A opinião pública mundial parece estar a chegar a um estadio de desinteresse no qual o evoluir do conflito desencadeado pela Rússia contra a Ucrânia já não “incomoda” e entrou na agenda da atualidade internacional.
Como aconteceu, no passado recente com outras guerras ocorridas no Iraque, na Síria, no Líbano, no Afeganistão, no Médio Oriente e em curso noutros países africanos, os países ocidentais relevam mais os prejuízos económicos do que a perda de vidas humanas, as carências sanitárias, as mazelas físicas e as consequências sociais nas populações atingidas.
É daí que advêm o subdesenvolvimento dos povos, a fome, a doença, a diminuição do tempo médio de vida e se gera um incontrolável número de refugiados que se juntam aos africanos chegados de África através do Mediterrâneo.
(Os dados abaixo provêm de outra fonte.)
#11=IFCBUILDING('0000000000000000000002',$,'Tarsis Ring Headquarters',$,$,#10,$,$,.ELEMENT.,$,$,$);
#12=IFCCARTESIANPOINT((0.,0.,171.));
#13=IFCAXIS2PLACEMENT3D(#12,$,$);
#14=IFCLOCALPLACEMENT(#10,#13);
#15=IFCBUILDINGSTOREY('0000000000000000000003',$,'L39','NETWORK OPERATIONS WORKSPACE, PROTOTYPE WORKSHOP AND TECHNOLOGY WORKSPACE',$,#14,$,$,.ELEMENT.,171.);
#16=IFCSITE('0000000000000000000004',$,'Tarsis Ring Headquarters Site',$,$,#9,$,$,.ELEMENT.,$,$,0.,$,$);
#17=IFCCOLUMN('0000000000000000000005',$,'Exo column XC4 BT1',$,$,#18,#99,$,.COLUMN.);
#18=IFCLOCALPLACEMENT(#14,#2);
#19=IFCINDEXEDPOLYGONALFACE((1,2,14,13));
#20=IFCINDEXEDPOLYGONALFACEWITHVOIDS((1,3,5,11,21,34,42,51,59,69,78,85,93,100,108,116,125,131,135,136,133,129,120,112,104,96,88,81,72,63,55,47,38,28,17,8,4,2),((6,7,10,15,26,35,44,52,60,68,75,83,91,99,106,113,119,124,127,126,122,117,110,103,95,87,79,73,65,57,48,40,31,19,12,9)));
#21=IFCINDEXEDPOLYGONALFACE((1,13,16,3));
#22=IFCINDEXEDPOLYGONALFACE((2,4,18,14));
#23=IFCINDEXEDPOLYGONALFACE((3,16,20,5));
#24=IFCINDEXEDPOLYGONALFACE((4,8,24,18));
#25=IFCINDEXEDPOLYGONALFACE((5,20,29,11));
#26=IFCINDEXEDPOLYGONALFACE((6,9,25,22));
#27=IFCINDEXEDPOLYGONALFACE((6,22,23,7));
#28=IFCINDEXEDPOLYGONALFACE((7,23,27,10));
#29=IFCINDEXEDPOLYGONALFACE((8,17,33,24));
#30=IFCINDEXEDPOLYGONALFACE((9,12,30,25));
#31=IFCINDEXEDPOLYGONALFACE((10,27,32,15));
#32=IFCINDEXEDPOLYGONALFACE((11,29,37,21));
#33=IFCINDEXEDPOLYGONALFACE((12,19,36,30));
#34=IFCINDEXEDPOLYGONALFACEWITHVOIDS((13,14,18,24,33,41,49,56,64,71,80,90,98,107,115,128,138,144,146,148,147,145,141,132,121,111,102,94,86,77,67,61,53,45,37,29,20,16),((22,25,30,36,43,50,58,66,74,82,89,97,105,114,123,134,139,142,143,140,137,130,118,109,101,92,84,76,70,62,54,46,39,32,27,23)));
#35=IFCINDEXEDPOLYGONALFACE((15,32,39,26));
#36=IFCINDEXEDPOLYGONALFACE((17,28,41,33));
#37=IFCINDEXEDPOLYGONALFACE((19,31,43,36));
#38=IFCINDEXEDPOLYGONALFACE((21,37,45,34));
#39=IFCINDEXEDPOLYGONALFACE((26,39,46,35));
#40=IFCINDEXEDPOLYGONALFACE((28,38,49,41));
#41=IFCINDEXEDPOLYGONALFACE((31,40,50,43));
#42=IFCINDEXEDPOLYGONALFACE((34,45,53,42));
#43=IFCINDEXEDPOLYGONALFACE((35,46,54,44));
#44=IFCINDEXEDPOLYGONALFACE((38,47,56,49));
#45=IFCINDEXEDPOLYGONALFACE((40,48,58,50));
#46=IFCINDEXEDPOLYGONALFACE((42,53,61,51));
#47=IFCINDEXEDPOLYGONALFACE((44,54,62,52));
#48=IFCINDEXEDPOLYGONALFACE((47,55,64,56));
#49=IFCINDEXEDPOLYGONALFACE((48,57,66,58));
Todos batem à porta da Europa rica para fugirem à guerra e concretizarem sonhos de felicidade, bem como o direito de se alimentarem e viverem como os demais.
Do conflito militar no leste europeu muito têm os governantes da União Europeia e do Ocidente a aprender.1
Julgava-se que com a integração de antigas repúblicas da extinta URSS, a UE se tornaria um bloco económico forte, pacífico, coeso e democrático. O certo é que as primeiras ameaças de poderes “populistas” surgiram no seio da própria União. Felizmente alguns desses protagonistas e governantes já recuaram nas suas diatribes, movidos pela tragédia da guerra.
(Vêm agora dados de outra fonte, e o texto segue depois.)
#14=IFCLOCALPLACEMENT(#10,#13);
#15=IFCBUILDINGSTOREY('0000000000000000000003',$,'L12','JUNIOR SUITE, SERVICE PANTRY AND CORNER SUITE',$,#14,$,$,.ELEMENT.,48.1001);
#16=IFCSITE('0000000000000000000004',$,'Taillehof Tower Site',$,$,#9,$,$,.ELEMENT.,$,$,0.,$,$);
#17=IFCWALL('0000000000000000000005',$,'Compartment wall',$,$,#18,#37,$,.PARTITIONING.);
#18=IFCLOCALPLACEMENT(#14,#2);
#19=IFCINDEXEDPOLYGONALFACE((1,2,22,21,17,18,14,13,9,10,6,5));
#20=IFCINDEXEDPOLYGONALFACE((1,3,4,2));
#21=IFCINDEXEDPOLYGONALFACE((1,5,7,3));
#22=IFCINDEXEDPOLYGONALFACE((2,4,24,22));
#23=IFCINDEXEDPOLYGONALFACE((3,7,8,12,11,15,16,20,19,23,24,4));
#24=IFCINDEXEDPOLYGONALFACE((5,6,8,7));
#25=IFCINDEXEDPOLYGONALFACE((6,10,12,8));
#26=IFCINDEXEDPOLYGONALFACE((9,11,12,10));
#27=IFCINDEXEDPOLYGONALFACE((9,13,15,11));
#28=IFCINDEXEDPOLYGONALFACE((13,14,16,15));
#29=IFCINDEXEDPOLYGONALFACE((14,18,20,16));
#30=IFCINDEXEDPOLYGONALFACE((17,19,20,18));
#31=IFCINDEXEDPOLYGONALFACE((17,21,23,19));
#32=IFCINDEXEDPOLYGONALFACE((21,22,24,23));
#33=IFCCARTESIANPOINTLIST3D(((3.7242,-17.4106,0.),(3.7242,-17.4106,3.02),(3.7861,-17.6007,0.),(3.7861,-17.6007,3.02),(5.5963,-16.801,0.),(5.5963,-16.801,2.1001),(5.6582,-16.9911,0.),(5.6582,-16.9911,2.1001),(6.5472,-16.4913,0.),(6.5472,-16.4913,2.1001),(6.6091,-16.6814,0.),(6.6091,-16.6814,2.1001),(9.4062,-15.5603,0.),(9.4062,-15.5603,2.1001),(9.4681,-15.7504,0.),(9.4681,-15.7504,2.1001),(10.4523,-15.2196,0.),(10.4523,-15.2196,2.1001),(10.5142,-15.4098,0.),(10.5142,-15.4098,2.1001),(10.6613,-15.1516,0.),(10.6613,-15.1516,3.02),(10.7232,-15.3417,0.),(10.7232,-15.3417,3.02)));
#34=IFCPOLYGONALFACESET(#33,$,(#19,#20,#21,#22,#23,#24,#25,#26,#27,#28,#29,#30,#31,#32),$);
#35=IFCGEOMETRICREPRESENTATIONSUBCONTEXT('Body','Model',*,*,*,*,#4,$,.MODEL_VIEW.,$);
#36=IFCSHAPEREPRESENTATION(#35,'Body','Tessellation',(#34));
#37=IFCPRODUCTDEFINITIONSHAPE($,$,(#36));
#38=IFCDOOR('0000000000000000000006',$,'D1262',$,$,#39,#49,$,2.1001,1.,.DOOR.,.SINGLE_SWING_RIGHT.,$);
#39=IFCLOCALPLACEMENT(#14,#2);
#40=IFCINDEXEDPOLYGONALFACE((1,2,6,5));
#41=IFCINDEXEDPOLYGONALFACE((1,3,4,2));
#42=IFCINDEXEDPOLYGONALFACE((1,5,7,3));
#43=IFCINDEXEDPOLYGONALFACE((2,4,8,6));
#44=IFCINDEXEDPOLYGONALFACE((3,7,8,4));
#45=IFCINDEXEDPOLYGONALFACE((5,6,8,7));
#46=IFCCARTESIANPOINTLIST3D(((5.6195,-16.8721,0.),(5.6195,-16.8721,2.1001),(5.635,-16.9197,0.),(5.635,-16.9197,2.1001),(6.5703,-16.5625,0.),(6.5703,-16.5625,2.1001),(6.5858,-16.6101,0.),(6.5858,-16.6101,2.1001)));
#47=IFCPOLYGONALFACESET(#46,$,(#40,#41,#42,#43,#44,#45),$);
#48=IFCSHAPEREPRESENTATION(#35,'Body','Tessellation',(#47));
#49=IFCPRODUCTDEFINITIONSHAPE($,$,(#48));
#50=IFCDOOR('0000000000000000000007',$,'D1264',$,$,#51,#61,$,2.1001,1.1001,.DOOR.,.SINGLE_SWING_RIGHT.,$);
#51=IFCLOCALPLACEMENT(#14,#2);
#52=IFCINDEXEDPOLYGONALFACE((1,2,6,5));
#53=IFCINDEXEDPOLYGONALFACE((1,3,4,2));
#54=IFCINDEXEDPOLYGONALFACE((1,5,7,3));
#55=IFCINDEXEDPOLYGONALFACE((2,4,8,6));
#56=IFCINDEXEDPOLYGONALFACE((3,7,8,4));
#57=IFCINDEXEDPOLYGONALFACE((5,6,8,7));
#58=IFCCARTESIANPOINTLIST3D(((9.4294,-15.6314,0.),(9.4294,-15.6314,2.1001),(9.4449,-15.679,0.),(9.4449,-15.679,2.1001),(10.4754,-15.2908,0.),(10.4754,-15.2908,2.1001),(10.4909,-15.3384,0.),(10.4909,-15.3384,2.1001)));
Esperava-se também que a Rússia tivesse optado por um poder democrático plural baseado na defesa e proteção dos direitos humanos e no respeito pela liberdade e independência dos povos, mais do que na recuperação do poderio militar perdido. Tal não sucedeu e a preocupação evidente é a reconquista do poder superpotente.
Compete agora aos estrategas, diplomatas e governantes dos povos encontrar soluções pacíficas estáveis para repor a paz na Europa respeitando fronteiras, culturas e identidades de cada país e contendo o mentalidade expansionista, sem recurso à guerra e sem opressores nem oprimidos.
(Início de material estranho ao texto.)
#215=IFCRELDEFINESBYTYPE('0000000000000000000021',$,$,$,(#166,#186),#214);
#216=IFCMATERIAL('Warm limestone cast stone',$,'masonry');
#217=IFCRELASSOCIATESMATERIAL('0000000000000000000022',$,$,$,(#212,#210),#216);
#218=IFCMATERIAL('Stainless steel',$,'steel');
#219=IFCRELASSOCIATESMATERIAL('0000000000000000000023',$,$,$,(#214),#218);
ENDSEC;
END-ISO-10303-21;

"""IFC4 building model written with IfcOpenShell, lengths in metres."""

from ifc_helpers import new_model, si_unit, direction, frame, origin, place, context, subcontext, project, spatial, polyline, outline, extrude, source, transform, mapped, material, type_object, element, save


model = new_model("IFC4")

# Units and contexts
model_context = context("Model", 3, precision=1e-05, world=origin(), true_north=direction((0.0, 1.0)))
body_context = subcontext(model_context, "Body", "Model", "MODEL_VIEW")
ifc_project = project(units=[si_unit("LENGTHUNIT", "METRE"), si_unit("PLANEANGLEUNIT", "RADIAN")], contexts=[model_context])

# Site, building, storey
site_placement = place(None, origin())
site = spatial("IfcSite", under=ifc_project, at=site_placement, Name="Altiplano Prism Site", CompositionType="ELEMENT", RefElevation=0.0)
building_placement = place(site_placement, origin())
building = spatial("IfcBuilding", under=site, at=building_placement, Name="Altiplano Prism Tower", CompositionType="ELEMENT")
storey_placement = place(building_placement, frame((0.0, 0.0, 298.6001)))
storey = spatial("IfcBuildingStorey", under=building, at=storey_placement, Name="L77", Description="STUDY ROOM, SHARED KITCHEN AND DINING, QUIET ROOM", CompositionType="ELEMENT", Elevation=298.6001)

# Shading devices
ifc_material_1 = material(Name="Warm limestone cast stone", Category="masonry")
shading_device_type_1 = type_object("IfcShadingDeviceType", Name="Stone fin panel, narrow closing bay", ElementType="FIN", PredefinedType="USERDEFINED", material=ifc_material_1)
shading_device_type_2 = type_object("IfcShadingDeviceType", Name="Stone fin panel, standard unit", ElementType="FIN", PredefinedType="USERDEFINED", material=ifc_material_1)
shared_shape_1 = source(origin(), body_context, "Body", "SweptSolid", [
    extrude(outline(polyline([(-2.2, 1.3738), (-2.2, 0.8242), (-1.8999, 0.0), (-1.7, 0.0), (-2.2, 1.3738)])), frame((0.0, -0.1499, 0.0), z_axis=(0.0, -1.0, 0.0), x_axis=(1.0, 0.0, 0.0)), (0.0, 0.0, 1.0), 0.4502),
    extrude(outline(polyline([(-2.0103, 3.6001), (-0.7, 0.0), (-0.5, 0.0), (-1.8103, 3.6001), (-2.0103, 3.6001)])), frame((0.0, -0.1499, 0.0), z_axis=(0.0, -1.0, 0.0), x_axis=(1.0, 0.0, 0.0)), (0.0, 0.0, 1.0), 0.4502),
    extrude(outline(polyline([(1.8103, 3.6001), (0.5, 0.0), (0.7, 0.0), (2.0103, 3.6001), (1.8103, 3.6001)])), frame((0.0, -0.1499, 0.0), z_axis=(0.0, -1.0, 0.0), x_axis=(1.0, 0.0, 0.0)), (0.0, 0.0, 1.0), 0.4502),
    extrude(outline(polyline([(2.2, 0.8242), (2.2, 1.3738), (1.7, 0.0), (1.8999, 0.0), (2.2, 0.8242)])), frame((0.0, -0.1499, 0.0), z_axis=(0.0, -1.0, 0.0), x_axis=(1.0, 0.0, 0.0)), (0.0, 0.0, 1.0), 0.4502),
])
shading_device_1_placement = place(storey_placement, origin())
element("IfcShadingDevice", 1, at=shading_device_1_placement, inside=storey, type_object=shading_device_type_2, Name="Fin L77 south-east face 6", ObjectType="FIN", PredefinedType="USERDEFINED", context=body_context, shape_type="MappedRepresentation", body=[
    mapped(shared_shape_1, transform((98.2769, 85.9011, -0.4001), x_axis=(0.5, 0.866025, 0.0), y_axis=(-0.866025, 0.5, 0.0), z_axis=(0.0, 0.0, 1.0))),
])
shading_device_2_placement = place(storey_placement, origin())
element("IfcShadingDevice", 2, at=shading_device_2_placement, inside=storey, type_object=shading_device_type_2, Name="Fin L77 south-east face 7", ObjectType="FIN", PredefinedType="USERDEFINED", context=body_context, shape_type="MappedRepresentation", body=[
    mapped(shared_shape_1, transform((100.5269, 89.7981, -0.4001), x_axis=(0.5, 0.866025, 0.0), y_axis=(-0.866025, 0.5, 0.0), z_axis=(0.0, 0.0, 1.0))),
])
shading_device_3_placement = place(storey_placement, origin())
Mais importante ainda é proporcionar níveis de vida digna a milhões de seres humanos atormentados pela instabilidade social e económica, resultante da destruição dos seus teres e haveres e do abandono das suas terras.
A guerra não é um flagelo que sempre dure. Os seus efeitos sim, esses permanecem largos anos no coração humano, na vivência dos povos, na fisionomia dos territórios esfacelados por tantos canhões e mísseis que a ambição desmedida dos prepotentes e tiranos ordenou.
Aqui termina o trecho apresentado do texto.